# Multiple Designation,Mentioned only Last held in ACS



## deepeshneo007 (Feb 6, 2014)

Hi Everyone,

I am desperately seeking guidance on a very odd sounding problem. I received my 189 Visa invitation on 12 May for Analyst Programmer Code.

My first job was for 3 years where i held 3 positions
1) Junior Research and Data Analyst (1st year)
2) Sr. Research and Data Analyst (2nd year)
3) Analytics Specialist (last year)

In my ACS assessment , I only mentioned my last designation Analytics Specialist and my entire 3 year of work ex has been credit to that. Moreover, the wording of that letter inadvertently indicate i held that same position for 3 years.

Now the problem I am facing is while submitting proof to the CO, it will be very clear from joining letter/salary slip/ tax form that i did not hold the same position the entire period.My reference letter which i was thinking of submitting to CO (same as that submitted to ACS) will indicate otherwise

What should i do know? 

The only help i can get from my company is to get the exact same reference letter with the wording "last held" position. Will that help?

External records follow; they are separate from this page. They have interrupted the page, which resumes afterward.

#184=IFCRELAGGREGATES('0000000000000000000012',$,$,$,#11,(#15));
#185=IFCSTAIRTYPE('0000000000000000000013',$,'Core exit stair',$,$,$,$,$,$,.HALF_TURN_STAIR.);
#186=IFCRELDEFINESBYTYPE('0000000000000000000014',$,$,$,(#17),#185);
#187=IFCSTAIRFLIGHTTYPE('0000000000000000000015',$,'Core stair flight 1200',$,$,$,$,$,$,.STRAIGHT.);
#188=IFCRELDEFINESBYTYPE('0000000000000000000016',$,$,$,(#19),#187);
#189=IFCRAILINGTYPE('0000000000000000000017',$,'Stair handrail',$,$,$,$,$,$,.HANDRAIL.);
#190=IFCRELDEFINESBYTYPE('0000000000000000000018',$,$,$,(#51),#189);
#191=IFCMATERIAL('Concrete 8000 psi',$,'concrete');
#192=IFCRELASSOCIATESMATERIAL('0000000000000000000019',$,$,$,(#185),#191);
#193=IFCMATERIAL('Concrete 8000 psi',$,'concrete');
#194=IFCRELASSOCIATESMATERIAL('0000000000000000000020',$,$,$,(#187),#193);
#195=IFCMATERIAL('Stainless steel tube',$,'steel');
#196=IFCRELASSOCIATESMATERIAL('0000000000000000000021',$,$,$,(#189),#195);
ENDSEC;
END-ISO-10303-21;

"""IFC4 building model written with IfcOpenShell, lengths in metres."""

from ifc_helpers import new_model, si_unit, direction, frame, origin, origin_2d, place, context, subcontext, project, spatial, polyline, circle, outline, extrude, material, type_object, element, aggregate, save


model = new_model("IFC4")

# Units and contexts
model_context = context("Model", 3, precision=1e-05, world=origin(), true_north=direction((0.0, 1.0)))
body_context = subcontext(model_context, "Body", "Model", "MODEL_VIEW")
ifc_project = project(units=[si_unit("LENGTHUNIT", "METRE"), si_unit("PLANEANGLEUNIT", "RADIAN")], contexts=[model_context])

Please help me guys ! ray:


----------



## Anitha33 (Jul 24, 2015)

Hello Deepesh,

I came across your post and am in the same position as well. Wherein for ACS has only my last designation was considered , but confused if I have to submit a split of actual designation in EOI. Could you clarify based on your experience ?

Thanks,
Anitha


----------



## rohitszone (Feb 5, 2015)

Hello, 

I don't think that's a problem if I understand your question correctly.

I'm joined a firm with designation as Software Engineer, But when I was giving it to DIBP I stated it as Senior Software Engineer, Because that is what I held while leaving the org, you're relieving would be stating the same.

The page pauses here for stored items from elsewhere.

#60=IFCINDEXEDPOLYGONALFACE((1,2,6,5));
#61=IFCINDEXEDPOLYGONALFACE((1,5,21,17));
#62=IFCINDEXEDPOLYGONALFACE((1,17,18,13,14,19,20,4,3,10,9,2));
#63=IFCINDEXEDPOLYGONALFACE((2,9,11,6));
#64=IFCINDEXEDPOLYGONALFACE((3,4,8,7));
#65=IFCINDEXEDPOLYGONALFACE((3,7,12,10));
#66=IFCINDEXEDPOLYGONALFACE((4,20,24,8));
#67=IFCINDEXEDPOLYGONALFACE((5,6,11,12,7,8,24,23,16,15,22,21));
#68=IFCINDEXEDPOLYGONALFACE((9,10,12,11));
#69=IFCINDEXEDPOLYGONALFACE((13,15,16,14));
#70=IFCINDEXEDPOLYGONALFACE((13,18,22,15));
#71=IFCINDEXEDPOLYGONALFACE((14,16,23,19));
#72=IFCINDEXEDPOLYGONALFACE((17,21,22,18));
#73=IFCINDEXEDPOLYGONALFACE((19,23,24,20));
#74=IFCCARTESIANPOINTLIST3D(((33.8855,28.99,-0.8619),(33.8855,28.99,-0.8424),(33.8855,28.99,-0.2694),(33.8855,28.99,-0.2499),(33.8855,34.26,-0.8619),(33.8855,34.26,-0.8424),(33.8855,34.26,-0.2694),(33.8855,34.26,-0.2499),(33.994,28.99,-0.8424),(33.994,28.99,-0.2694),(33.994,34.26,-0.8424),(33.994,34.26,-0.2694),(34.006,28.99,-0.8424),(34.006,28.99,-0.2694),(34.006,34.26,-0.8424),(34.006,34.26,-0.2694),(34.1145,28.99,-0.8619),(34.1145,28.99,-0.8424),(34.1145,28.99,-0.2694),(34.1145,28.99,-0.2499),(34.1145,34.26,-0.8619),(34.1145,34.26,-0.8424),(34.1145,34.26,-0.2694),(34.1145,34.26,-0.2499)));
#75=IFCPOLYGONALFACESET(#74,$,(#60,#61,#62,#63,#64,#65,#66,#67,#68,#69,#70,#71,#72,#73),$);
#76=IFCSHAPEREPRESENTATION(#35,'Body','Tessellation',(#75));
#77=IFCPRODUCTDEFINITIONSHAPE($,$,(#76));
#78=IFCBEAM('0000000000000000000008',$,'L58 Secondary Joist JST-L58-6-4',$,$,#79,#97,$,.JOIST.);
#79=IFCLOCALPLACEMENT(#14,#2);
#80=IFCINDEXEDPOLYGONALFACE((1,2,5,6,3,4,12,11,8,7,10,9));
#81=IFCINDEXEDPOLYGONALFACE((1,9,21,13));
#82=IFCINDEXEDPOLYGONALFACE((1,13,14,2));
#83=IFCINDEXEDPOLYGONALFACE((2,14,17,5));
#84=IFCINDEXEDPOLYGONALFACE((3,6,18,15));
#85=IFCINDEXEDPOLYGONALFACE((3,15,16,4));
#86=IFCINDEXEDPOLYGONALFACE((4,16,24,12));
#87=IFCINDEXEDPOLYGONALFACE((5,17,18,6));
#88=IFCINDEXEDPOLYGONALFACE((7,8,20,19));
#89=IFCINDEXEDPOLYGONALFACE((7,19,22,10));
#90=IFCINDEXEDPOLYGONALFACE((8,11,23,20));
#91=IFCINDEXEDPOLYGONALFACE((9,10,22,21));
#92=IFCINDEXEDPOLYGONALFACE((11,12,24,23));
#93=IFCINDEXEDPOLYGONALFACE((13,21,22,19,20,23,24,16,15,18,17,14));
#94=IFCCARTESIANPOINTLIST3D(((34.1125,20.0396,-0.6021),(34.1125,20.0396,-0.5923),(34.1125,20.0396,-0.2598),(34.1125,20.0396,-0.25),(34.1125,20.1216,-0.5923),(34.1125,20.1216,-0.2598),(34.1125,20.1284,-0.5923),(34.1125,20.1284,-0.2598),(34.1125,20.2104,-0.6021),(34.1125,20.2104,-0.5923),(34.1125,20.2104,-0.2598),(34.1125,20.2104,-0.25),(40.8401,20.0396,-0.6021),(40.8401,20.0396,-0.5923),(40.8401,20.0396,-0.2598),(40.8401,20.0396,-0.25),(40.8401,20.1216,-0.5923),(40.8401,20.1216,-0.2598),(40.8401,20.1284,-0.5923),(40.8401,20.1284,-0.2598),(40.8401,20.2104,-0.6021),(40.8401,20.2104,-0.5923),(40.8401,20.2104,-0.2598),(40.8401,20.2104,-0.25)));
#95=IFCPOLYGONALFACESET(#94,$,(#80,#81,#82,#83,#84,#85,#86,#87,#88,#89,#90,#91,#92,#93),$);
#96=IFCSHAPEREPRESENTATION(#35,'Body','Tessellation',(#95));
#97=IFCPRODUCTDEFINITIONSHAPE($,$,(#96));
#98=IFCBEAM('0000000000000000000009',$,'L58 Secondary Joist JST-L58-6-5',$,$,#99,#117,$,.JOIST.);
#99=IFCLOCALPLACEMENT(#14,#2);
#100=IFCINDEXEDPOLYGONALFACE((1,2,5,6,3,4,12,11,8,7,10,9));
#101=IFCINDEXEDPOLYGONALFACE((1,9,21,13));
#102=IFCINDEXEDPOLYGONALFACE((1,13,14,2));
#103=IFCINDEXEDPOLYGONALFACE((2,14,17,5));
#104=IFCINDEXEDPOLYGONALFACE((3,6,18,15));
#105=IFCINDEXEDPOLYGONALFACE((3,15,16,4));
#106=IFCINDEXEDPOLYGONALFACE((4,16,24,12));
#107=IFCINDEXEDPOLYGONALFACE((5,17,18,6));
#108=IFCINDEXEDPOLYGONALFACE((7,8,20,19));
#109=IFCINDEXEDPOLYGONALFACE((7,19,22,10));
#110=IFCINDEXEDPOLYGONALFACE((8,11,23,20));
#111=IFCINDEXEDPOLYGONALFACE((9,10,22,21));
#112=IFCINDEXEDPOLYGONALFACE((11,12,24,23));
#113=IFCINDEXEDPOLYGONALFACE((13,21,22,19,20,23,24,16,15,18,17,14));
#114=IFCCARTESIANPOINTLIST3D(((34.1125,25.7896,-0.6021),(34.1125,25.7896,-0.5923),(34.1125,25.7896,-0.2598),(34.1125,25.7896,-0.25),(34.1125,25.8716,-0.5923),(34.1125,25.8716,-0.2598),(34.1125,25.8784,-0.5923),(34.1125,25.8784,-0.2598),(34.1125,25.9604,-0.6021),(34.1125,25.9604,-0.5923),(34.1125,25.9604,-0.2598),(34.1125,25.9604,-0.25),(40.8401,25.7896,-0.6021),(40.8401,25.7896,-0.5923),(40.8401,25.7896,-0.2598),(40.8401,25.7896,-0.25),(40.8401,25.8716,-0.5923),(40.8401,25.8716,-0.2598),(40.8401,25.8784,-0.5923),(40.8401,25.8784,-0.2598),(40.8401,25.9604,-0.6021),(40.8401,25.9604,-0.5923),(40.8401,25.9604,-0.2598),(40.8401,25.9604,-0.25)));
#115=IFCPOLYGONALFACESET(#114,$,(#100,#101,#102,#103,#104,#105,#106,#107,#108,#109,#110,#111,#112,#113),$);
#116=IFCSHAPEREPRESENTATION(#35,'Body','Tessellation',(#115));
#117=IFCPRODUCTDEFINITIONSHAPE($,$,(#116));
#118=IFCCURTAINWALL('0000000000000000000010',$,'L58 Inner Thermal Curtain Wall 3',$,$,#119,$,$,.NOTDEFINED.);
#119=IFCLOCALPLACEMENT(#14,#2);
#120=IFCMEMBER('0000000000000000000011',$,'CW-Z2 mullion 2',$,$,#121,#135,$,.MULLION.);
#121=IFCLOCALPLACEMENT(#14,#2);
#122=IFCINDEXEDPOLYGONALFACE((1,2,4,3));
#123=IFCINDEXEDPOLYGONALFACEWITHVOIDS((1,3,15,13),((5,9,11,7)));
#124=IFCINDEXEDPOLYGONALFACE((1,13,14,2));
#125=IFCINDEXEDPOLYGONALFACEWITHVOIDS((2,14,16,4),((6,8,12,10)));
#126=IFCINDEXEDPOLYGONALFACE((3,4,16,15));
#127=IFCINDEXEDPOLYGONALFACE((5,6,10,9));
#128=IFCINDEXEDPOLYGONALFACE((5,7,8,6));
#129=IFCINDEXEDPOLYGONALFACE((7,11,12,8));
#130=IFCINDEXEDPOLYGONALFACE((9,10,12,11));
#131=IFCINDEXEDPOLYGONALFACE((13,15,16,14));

If you're unclear or If I have understood you're wrongly please drop me a mail, I would like to make it clear for you.




deepeshneo007 said:


> Hi Everyone,
> 
> I am desperately seeking guidance on a very odd sounding problem. I received my 189 Visa invitation on 12 May for Analyst Programmer Code.
> 
> ...


----------



## Anitha33 (Jul 24, 2015)

Thanks for your response,
My case is , I have been in the same organisation for the last 5 years.

I have had two promotions here .
Actual ,: 
Year1 - year2 -> system engineer
Year 2- year3 -> technology analyst
Year4-year5 -,> technology lead

Acs result : considered only recent position 

Year1 - year2 -> technology lead
Year 2- year3 -> technology lead
Year4-year5 -,> technology lead

I have given my EOI as per acs now and await an invite. Should I correct this or just leave it ? 

My responsibilities are the same for all 3 designations above and my current position is as per acs letter .

Is that fine ? Or will the immigration authorities consider this as misleading or wrong information ? 

Thanks


----------



## spark92 (Nov 8, 2010)

Now ACS letters need to mention the titles that you've had. So you have to include that in your reference letter.


----------



## Anitha33 (Jul 24, 2015)

I have already got my ACS result and submitted my EOI ... I read many cases where people have submitted as in ACS in this forum. Just wanted to confirm if this discrepancy is fine or not.


----------



## dannyduke (Sep 19, 2015)

Different job titles should be mentioned in the letter, you can look at ACS sample letter on their website. But if you dont want to reveal these information, I think there no way they can verify.


----------



## Anitha33 (Jul 24, 2015)

thanks much for responses..


----------



## s. a. (Nov 4, 2015)

hi anitha, im facing the same problem. can u tell me how did u mention ur designation in EOI and was it problem when getting visa, not having 2 job titles in ACS letter.
thanks in advance



Anitha33 said:


> Thanks for your response,
> My case is , I have been in the same organisation for the last 5 years.
> 
> I have had two promotions here .
> ...


----------



## smaikap (Aug 14, 2017)

Guys, any resolution on this? Did you guys get the visa with the last designation? Any update?


----------



## sanjeev_magoo (Dec 31, 2017)

smaikap said:


> Guys, any resolution on this? Did you guys get the visa with the last designation? Any update?


Any update on this guys? Seems to be impacting a bigger audience...


----------



## kokilas512 (Apr 19, 2018)

sanjeev_magoo said:


> Any update on this guys? Seems to be impacting a bigger audience...


Any update on this guys


----------



## nnawalage (Apr 8, 2018)

Anitha33 said:


> Thanks for your response,
> My case is , I have been in the same organisation for the last 5 years.
> 
> I have had two promotions here .
> ...


I have the same problem. How did you submit the EOI. In my service letter it has the different designations mentioned with the dates


----------



## santawanderer (Sep 20, 2018)

s. a. said:


> hi anitha, im facing the same problem. can u tell me how did u mention ur designation in EOI and was it problem when getting visa, not having 2 job titles in ACS letter.
> thanks in advance



Hi, Did you give multiple designations in EOI? or Did you leave as it was in ACS? Did cause any issue in obtaining VISA?


----------



## santawanderer (Sep 20, 2018)

sanjeev_magoo said:


> Any update on this guys? Seems to be impacting a bigger audience...



Hi, Did you give multiple designations in EOI? or Did you leave as it was in ACS? Did cause any issue in obtaining VISA?


----------